There have been a spate of headlines recently—and not for the first time—about outbreaks of diseases that are completely resistant to all known antibiotics. The basic reason for this, of course, is that we’ve used antibiotics with abandon ever since they were discovered, and diseases have mutated to resist them. We’re now at the point where there are a few diseases that have mutated enough that pretty much no antibiotic known will kill them.
So why not develop new antibiotics? Partly because there’s not a lot of money in it. But Megan McArdle points us to medicinal chemist Derek Lowe, who points out that although killing bacteria is hard, it’s not that hard. The problem is killing bacteria without killing everything else at the same time. The virtue of penicillin wasn’t that it was the first antibiotic ever discovered, but that it was the first nontoxic antibiotic. Put 
it in a human being, and it killed bacteria without killing the human too. Lowe says that this, more than money, is what makes it so hard to figure out how to kill the new strains of superbugs:
I realised after my first exposure to antibiotic drug discovery that I’d never had any problem generating cytotoxic compounds against mammalian cells. Happened all the time — not that I wanted it to, of course. But killing bacteria, especially fully armed wild-type bacteria? That was a major event. And even then, most of the compounds you find that can accomplish that will do the same thing to your own cells, which is definitely not the idea.

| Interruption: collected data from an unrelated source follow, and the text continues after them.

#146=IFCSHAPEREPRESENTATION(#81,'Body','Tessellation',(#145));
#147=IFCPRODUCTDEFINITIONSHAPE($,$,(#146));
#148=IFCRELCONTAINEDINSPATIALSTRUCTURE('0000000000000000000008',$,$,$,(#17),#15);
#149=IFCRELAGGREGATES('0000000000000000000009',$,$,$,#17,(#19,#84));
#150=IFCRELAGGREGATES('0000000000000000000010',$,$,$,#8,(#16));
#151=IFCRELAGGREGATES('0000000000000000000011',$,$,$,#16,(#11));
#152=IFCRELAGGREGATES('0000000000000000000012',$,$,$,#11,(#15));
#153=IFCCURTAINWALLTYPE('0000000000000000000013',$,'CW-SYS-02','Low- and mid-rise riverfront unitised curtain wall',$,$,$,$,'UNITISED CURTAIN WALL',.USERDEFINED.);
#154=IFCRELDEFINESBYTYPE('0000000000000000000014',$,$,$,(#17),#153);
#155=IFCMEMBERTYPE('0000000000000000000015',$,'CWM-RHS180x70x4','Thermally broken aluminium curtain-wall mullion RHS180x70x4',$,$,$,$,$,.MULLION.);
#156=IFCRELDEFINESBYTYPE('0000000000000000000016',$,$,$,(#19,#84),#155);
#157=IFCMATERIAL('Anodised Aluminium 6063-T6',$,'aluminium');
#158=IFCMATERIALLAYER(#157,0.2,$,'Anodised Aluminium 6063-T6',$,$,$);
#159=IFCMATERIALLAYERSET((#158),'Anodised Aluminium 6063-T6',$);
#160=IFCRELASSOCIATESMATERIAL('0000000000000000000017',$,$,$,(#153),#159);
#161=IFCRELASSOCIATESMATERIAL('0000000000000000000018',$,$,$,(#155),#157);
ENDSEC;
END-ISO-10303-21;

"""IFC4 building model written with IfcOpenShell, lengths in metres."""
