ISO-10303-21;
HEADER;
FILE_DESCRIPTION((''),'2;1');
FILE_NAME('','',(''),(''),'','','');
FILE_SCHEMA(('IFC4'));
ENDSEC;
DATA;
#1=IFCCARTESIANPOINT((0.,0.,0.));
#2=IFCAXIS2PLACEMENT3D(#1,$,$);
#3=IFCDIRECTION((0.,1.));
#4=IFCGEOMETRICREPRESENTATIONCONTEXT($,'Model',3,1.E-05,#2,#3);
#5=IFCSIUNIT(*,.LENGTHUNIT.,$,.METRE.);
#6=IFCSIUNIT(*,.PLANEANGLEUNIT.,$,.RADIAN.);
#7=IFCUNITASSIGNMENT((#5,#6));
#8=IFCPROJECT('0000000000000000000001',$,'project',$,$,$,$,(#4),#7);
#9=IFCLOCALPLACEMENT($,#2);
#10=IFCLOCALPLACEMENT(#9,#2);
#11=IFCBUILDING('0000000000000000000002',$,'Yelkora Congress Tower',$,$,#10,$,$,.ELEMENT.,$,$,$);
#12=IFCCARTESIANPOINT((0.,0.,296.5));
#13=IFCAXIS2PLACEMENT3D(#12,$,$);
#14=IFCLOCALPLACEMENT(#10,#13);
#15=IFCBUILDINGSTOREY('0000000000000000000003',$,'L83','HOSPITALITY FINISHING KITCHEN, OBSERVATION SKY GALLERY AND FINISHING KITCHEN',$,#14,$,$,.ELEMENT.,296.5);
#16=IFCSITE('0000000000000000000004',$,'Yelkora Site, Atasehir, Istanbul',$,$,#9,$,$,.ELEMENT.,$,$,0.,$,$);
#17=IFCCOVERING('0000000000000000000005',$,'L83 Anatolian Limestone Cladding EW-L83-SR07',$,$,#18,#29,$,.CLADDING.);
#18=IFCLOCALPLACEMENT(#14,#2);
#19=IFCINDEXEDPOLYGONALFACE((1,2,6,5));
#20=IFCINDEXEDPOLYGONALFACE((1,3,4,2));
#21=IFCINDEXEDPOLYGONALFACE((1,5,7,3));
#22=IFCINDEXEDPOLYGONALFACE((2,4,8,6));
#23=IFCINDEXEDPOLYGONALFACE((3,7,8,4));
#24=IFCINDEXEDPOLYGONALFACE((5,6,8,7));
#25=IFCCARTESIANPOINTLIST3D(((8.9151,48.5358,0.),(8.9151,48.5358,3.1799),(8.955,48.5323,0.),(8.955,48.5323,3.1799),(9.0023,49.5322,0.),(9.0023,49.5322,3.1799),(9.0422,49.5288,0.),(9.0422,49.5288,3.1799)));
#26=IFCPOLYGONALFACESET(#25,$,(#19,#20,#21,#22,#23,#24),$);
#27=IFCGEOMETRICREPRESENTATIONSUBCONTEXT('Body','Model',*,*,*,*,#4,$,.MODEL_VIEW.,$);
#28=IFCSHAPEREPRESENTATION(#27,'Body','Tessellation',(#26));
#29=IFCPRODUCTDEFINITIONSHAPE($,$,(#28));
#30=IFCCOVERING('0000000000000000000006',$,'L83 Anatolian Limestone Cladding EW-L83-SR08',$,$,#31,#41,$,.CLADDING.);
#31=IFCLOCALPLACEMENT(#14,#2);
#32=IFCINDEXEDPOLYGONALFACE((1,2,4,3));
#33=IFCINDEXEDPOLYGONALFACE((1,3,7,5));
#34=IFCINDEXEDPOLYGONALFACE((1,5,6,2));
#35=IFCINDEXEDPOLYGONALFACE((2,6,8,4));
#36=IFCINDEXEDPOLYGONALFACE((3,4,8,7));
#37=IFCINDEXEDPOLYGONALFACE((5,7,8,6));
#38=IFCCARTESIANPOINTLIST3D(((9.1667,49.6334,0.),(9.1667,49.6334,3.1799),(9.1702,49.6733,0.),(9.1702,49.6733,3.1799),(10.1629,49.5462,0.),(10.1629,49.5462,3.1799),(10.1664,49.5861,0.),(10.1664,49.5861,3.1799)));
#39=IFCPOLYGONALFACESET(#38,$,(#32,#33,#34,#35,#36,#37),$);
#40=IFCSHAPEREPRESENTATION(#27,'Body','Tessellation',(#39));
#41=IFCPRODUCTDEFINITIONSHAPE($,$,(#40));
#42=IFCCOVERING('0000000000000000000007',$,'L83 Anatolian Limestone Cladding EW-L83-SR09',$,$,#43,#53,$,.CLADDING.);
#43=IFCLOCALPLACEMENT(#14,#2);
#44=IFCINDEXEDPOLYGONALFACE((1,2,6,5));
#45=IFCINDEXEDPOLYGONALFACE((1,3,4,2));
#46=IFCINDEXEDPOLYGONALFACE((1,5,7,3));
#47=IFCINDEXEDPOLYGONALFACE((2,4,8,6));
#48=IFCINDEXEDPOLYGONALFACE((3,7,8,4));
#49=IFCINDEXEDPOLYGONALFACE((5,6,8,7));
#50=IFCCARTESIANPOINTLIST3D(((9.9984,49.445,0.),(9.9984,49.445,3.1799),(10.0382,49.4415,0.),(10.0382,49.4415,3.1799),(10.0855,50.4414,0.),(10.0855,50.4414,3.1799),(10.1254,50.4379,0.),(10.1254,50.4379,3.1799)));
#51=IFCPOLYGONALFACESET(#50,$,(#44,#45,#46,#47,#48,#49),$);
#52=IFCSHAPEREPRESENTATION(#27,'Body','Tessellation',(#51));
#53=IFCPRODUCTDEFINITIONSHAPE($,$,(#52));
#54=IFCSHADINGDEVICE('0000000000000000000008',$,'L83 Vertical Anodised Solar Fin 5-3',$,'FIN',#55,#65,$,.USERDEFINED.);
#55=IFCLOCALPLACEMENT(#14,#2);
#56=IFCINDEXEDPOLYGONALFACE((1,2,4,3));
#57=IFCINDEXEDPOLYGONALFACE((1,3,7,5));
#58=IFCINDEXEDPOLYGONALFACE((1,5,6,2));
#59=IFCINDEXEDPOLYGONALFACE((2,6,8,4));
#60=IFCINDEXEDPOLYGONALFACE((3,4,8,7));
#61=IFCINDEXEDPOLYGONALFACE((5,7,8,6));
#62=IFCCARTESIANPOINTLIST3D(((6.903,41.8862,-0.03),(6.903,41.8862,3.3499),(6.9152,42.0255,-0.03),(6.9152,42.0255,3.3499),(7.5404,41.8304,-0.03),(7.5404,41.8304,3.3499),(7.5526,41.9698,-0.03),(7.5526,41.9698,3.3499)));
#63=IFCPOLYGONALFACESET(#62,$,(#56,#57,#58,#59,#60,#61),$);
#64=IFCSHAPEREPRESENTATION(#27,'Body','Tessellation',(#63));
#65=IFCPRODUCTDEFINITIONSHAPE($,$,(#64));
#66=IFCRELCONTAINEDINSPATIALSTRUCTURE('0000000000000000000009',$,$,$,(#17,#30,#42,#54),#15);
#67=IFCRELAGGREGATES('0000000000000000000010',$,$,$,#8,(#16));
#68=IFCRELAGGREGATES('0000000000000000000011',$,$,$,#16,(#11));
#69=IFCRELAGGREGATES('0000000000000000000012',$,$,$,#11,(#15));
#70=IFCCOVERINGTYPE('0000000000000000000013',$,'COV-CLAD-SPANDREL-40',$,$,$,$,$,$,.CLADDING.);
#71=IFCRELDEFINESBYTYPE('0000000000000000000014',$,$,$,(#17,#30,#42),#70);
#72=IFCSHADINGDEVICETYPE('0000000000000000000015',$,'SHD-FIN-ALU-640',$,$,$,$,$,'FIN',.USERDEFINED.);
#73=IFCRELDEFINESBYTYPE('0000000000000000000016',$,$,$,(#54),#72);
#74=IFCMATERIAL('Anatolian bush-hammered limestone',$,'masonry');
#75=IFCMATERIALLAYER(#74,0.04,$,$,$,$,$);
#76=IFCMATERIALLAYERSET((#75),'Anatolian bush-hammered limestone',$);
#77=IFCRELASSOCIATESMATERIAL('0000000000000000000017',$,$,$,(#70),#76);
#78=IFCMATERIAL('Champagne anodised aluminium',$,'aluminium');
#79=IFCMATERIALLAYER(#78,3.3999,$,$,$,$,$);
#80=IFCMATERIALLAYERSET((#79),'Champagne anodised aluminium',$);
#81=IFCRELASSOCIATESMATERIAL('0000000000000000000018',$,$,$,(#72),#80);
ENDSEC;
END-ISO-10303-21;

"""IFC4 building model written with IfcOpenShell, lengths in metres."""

from ifc_helpers import new_model, si_unit, direction, frame, frame_2d, origin, origin_2d, place, context, subcontext, project, spatial, rectangle, extrude, material, layer, layer_set, type_object, element, save


model = new_model("IFC4")

# Units and contexts
model_context = context("Model", 3, precision=1e-05, world=origin(), true_north=direction((0.0, 1.0)))
body_context = subcontext(model_context, "Body", "Model", "MODEL_VIEW")
ifc_project = project(units=[si_unit("LENGTHUNIT", "METRE"), si_unit("PLANEANGLEUNIT", "RADIAN")], contexts=[model_context])

# Site, building, storey
site_placement = place(None, origin())
site = spatial("IfcSite", under=ifc_project, at=site_placement, Name="Yelkora Site, Atasehir, Istanbul", CompositionType="ELEMENT", RefElevation=0.0)
building_placement = place(site_placement, origin())
building = spatial("IfcBuilding", under=site, at=building_placement, Name="Yelkora Congress Tower", CompositionType="ELEMENT")
storey_placement = place(building_placement, frame((0.0, 0.0, 296.5)))
storey = spatial("IfcBuildingStorey", under=building, at=storey_placement, Name="L83", Description="HOSPITALITY FINISHING KITCHEN, OBSERVATION SKY GALLERY AND FINISHING KITCHEN", CompositionType="ELEMENT", Elevation=296.5)

# Coverings
ifc_material_1 = material(Name="Anatolian bush-hammered limestone", Category="masonry")
ifc_layer_1 = layer(ifc_material_1, 0.04)
ifc_layer_set_1 = layer_set([ifc_layer_1], Name="Anatolian bush-hammered limestone")
covering_type = type_object("IfcCoveringType", Name="COV-CLAD-SPANDREL-40", PredefinedType="CLADDING", material=ifc_layer_set_1)
for number, where, z_axis, x_axis, name in (
    (1, (8.9351, 48.5342, 0.0), (0.0, 0.0, 1.0), (0.087146, 0.996196, 0.0), "L83 Anatolian Limestone Cladding EW-L83-SR07"),
):
    element("IfcCovering", number, at=place(storey_placement, frame(where, z_axis=z_axis, x_axis=x_axis)), inside=storey, type_object=covering_type, Name=name, PredefinedType="CLADDING", context=body_context, shape_type="SweptSolid", body=[
        extrude(rectangle(XDim=1.0002, YDim=0.04, at=frame_2d((0.5, 0.0))), origin(), (0.0, 0.0, 1.0), 3.1799),
    ])
covering_1_placement = place(storey_placement, frame((9.1685, 49.6533, 0.0), z_axis=(0.0, 0.0, 1.0), x_axis=(0.996194, -0.087167, 0.0)))
element("IfcCovering", 2, at=covering_1_placement, inside=storey, type_object=covering_type, Name="L83 Anatolian Limestone Cladding EW-L83-SR08", PredefinedType="CLADDING", context=body_context, shape_type="SweptSolid", body=[
    extrude(rectangle(XDim=1.0, YDim=0.04, at=frame_2d((0.5, 0.0))), origin(), (0.0, 0.0, 1.0), 3.1799),
])
covering_2_placement = place(storey_placement, frame((10.0183, 49.4434, 0.0), z_axis=(0.0, 0.0, 1.0), x_axis=(0.087146, 0.996196, 0.0)))
element("IfcCovering", 3, at=covering_2_placement, inside=storey, type_object=covering_type, Name="L83 Anatolian Limestone Cladding EW-L83-SR09", PredefinedType="CLADDING", context=body_context, shape_type="SweptSolid", body=[
    extrude(rectangle(XDim=1.0002, YDim=0.04, at=frame_2d((0.5, 0.0))), origin(), (0.0, 0.0, 1.0), 3.1799),
])

# Shading device
ifc_material_2 = material(Name="Champagne anodised aluminium", Category="aluminium")
ifc_layer_2 = layer(ifc_material_2, 3.3999)
ifc_layer_set_2 = layer_set([ifc_layer_2], Name="Champagne anodised aluminium")
shading_device_type = type_object("IfcShadingDeviceType", Name="SHD-FIN-ALU-640", ElementType="FIN", PredefinedType="USERDEFINED", material=ifc_layer_set_2)
shading_device_placement = place(storey_placement, frame((7.2278, 41.928, -0.03), z_axis=(0.0, 0.0, 1.0), x_axis=(0.087156, 0.996195, 0.0)))
element("IfcShadingDevice", 4, at=shading_device_placement, inside=storey, type_object=shading_device_type, Name="L83 Vertical Anodised Solar Fin 5-3", ObjectType="FIN", PredefinedType="USERDEFINED", context=body_context, shape_type="SweptSolid", body=[
    extrude(rectangle(XDim=0.1399, YDim=0.6399, at=origin_2d()), origin(), (0.0, 0.0, 1.0), 3.3799),
])

save(model, "model.ifc")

And that brings up another question about those bacterial targets, the ones that are so orthogonal to human cellular pathways. A disturbing number of them have already been the subject of screening efforts and optimisation attempts — without success. They also seem to be a bit orthogonal to the kinds of structures that medicinal chemists make. There are antibiotics with reasonable-looking structures, but they’re outnumbered by natural-product-derived beasts, complex structures no one would have gotten around to synthetically for another few hundred years otherwise. Perhaps these kinds of things are needed to get in through the bacterial membranes, or needed to avoid being pumped right back out, but it does complicate one’s research.
This all means, it’s sad to say, that the limiting factor in antibiotic drug discovery probably isn’t the amount of money to be made at it. That’s too bad. Money’s a factor that could be adjusted by regulatory agencies, governments, and foundations. But no amount of cash will keep resistant bacteria from being the hard targets they are.
More money would probably still help, of course. Too bad about all those sequester cutbacks at NIH, isn’t it? It also might help if we didn’t medicate every farm animal in the world to within an inch of its life. Drug-resistant diseases are going to develop no matter what we do, but they’ll develop faster the more drugs we use. So maybe we should cut back a bit?